Altcademy - a Forbes magazine logo Best Coding Bootcamp 2023

Measure the Closeness Centrality of Nodes in a Graph

Introduction: Closeness Centrality in Graphs

Closeness centrality is a measure of how central a node is in a graph. It is computed as the inverse of the average shortest path length to all other nodes in the graph. In other words, a node with high closeness centrality is close to all other nodes in the graph, making it an important node for information dissemination, resource allocation, or network connectivity.

This tutorial will walk you through the steps to measure the closeness centrality of nodes in a graph, using a real-world example.
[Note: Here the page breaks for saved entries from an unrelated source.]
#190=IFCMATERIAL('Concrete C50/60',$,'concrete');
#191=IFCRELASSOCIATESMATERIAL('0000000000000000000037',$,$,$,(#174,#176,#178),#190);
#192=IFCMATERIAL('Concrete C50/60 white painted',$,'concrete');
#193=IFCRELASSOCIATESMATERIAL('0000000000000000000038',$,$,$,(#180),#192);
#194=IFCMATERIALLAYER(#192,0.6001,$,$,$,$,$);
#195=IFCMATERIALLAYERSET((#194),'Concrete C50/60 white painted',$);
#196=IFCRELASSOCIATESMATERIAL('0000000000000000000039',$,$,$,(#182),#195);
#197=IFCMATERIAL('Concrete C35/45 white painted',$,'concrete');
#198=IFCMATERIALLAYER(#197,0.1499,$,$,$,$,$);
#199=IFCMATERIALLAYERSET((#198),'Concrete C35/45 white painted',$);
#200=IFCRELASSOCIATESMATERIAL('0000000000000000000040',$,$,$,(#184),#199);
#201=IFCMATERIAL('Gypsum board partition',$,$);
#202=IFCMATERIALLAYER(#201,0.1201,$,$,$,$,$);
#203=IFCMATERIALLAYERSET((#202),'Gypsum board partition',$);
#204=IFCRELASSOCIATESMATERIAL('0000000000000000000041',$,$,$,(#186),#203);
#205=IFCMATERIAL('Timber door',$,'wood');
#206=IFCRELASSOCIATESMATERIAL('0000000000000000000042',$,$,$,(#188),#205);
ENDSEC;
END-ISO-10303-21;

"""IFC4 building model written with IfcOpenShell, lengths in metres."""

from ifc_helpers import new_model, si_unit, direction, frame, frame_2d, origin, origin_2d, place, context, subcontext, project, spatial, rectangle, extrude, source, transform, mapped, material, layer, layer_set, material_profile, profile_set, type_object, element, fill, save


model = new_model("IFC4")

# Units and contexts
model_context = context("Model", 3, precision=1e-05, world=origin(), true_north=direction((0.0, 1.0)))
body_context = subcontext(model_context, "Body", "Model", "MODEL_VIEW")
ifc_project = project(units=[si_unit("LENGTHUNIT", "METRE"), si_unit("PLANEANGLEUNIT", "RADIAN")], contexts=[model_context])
We will also provide a code implementation in Python, along with an explanation of the code.

Real-world Examples and Scenarios

Closeness centrality is used in various real-world applications, such as:

  1. Social network analysis: Identifying influencers or key individuals in a social network, who can spread information quickly and efficiently.
  2. Transportation networks: Identifying central nodes in a transportation network that can be used to optimize routing and reduce travel times.
  3. Biological networks: Identifying key proteins or genes in a biological network, which may have important functional roles or be potential drug targets.

Real-world Scenario: Identifying Influencers in a Social Network

Consider a social network where nodes represent individuals and edges represent friendships between them. We want to identify the most influential individuals in the network, who can quickly spread information or influence others. This problem can be framed as measuring the closeness centrality of nodes in the graph.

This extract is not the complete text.